As described in our public roadmap, in the near term we plan on shipping an OIDC auth method, transparent credential management with a HashiCorp Vault integration, dynamic host discovery for popular platforms, and a desktop client to make session establishment and management a seamless user experience.

Authentication is an important aspect of any software project, and we believe the lowest common denominator for authentication today is OpenID Connect. OIDC is a mature framework supported by major identity providers. For this reason, we chose it as our second auth method beyond passwords to give you the ability to bring your own identity to HashiCorp Boundary.

We know that a big piece of access management is credential management. Nobody wants to maintain multiple passwords or keys. HashiCorp Vault has the ability to manage credentials for major cloud platforms, databases, and other technologies that play a pivotal role in modern web applications. By integrating with Vault's dynamic secrets capability, Boundary can broker on behalf of users, and eventually inject, credentials into their Boundary sessions. We can expose these brokered credentials to users or we can transparently inject them and never expose any sensitive information. Both use cases are high on our road map, and we’re excited about the opportunity this integration will bring to the Boundary story.

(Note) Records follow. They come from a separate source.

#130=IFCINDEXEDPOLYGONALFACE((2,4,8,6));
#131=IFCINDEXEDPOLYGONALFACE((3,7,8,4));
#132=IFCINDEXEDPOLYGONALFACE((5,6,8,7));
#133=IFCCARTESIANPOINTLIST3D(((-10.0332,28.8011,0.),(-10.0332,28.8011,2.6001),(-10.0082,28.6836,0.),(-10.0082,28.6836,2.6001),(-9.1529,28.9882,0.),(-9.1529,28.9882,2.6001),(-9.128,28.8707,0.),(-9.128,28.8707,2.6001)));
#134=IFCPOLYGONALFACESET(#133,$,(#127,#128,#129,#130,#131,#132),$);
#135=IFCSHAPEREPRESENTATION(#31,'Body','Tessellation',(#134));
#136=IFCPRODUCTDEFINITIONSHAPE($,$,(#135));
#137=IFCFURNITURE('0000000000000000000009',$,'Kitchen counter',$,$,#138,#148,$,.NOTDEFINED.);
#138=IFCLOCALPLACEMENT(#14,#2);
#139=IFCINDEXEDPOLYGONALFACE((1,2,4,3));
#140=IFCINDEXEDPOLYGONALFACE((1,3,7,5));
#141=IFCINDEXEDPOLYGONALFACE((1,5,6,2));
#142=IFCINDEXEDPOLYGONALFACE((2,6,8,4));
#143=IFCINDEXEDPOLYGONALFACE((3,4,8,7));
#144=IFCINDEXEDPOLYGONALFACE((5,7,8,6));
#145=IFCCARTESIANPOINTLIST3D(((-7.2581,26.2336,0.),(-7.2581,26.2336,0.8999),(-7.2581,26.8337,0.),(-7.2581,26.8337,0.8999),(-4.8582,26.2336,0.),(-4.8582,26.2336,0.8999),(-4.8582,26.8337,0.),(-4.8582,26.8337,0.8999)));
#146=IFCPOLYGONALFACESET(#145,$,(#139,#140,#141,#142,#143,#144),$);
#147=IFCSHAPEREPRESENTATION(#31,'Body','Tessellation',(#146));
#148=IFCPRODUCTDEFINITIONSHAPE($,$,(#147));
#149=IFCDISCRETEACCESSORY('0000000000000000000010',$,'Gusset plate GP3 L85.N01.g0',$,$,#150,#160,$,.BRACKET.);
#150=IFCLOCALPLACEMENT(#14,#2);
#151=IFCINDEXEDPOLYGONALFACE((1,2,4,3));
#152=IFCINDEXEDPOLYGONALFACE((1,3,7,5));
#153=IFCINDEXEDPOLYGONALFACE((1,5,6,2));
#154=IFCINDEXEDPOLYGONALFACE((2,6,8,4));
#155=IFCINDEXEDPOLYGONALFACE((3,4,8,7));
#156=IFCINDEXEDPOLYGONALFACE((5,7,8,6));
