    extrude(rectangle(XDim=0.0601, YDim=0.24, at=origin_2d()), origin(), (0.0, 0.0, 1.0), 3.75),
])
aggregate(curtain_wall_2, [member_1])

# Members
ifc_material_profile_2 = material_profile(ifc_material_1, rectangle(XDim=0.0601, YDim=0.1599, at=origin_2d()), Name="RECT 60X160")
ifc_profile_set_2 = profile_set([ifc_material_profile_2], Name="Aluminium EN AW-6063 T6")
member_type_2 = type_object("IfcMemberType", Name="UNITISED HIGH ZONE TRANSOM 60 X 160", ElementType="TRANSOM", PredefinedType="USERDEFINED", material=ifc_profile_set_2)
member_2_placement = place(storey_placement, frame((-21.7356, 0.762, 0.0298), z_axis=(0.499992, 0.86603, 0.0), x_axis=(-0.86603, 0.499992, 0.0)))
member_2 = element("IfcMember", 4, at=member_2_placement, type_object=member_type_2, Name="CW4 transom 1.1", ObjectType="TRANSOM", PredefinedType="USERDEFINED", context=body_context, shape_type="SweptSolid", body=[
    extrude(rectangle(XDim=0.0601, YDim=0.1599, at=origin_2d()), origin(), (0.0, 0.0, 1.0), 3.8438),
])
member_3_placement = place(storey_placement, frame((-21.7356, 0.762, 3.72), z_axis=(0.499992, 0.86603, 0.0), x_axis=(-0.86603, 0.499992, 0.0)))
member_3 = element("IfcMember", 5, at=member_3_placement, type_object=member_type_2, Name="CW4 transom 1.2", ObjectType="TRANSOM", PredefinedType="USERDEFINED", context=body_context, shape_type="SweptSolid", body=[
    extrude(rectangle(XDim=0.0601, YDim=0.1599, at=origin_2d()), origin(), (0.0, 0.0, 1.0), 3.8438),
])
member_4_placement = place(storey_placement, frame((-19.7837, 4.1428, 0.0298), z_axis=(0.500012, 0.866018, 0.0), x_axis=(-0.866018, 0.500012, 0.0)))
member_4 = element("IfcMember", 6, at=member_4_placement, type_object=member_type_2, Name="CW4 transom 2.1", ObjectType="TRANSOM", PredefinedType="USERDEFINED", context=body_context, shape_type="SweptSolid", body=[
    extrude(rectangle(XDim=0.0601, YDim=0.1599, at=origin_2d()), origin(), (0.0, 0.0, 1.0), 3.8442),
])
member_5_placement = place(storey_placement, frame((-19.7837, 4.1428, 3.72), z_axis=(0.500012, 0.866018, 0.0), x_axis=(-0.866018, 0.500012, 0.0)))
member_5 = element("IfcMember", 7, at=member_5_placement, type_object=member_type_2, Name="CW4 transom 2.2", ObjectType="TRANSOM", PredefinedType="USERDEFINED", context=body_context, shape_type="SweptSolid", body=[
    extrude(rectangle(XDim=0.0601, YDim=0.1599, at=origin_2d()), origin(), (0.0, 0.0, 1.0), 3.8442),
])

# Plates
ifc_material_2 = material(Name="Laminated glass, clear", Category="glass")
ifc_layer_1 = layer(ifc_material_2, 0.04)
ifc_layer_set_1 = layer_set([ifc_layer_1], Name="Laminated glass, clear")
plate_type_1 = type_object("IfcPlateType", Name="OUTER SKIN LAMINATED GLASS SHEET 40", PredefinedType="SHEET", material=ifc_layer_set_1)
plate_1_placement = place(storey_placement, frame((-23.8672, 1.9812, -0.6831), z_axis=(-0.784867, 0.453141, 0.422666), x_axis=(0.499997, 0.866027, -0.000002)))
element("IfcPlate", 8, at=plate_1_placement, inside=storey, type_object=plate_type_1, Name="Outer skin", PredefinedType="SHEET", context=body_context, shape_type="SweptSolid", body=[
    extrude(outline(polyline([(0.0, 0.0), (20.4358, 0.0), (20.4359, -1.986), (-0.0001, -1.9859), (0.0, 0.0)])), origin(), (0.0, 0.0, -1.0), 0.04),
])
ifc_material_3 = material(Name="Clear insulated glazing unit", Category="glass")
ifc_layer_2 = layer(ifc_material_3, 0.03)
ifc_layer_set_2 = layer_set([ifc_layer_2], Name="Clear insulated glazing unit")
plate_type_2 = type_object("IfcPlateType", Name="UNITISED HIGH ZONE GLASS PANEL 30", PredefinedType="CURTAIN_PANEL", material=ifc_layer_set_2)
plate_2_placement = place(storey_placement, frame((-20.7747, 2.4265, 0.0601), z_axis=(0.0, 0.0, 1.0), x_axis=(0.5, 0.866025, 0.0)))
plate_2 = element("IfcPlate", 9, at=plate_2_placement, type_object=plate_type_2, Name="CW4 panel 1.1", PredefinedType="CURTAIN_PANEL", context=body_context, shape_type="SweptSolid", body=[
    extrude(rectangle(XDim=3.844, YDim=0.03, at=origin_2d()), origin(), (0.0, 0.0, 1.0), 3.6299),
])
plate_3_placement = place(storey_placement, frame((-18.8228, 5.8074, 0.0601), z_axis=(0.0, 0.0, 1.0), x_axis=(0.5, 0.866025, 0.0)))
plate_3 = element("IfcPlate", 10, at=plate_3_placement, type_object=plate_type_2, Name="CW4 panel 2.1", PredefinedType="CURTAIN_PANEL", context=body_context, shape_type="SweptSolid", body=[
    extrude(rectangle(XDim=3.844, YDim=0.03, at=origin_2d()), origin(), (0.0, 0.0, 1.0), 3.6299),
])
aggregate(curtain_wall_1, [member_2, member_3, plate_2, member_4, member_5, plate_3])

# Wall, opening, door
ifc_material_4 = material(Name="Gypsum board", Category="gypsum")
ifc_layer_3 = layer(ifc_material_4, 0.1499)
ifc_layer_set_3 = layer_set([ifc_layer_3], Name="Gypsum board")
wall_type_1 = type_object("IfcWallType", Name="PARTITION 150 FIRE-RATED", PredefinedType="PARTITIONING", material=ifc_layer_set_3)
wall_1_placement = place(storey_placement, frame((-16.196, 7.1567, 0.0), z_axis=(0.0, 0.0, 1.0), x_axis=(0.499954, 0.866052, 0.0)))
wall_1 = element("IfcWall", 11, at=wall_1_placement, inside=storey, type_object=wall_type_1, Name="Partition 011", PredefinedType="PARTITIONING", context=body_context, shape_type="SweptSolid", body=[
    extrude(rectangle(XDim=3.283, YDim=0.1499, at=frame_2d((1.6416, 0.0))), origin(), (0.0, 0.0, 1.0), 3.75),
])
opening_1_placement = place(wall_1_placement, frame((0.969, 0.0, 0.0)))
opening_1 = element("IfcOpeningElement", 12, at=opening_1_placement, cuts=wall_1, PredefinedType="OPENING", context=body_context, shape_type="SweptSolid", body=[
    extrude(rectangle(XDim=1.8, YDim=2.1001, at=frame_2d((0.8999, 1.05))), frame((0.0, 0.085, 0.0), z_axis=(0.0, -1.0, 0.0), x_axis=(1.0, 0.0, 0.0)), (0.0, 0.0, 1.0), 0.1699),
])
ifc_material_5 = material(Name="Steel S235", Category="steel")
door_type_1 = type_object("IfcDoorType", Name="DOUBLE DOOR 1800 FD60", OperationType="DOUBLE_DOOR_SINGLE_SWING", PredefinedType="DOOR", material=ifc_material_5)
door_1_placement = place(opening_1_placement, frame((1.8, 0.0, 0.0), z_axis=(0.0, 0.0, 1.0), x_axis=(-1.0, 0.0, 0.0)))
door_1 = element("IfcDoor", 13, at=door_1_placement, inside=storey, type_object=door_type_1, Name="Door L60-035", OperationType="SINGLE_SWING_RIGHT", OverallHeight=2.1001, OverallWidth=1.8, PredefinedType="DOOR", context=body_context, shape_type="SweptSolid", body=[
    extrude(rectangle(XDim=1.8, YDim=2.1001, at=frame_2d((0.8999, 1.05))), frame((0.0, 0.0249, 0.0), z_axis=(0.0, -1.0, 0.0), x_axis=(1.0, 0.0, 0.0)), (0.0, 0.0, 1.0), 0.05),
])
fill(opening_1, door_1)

Host catalogs are a central concept to Boundary and a differentiator when comparing Boundary to other access management solutions. Today, Boundary only has static host catalogs: users have to construct a host definition manually. However, the original intent for host catalogs was to allow dynamic discovery of hosts based on modern groupings such as Kubernetes constraints, security group assignment, labels, or other collection types common in today’s dynamic cloud and container environments.

We plan to bring dynamic host catalogs to life over the coming year for major cloud and container platforms. This will allow administrators the ability to grant access to users based on abstractions rather than hard coded CIDR ranges and IP addresses, making Boundary easy to set up and maintain.

Finally, to make the user experience for session management awesome, we plan to build a desktop client for Windows and Mac. This will allow users who are not comfortable with the command line or who simply want a more graphical interface for Boundary to start and manage sessions to targets.

Of course, the development of these features will be executed in parallel with reviewing contributions from you, our community.

»Closing

We would not be here today without your feedback. We look forward to hearing from you, seeing your pull requests, and helping you work through any issues that invariably arise with an early software project. Most importantly, we want to build a product that solves real-world challenges you and your team are facing in managing secure access to critical systems.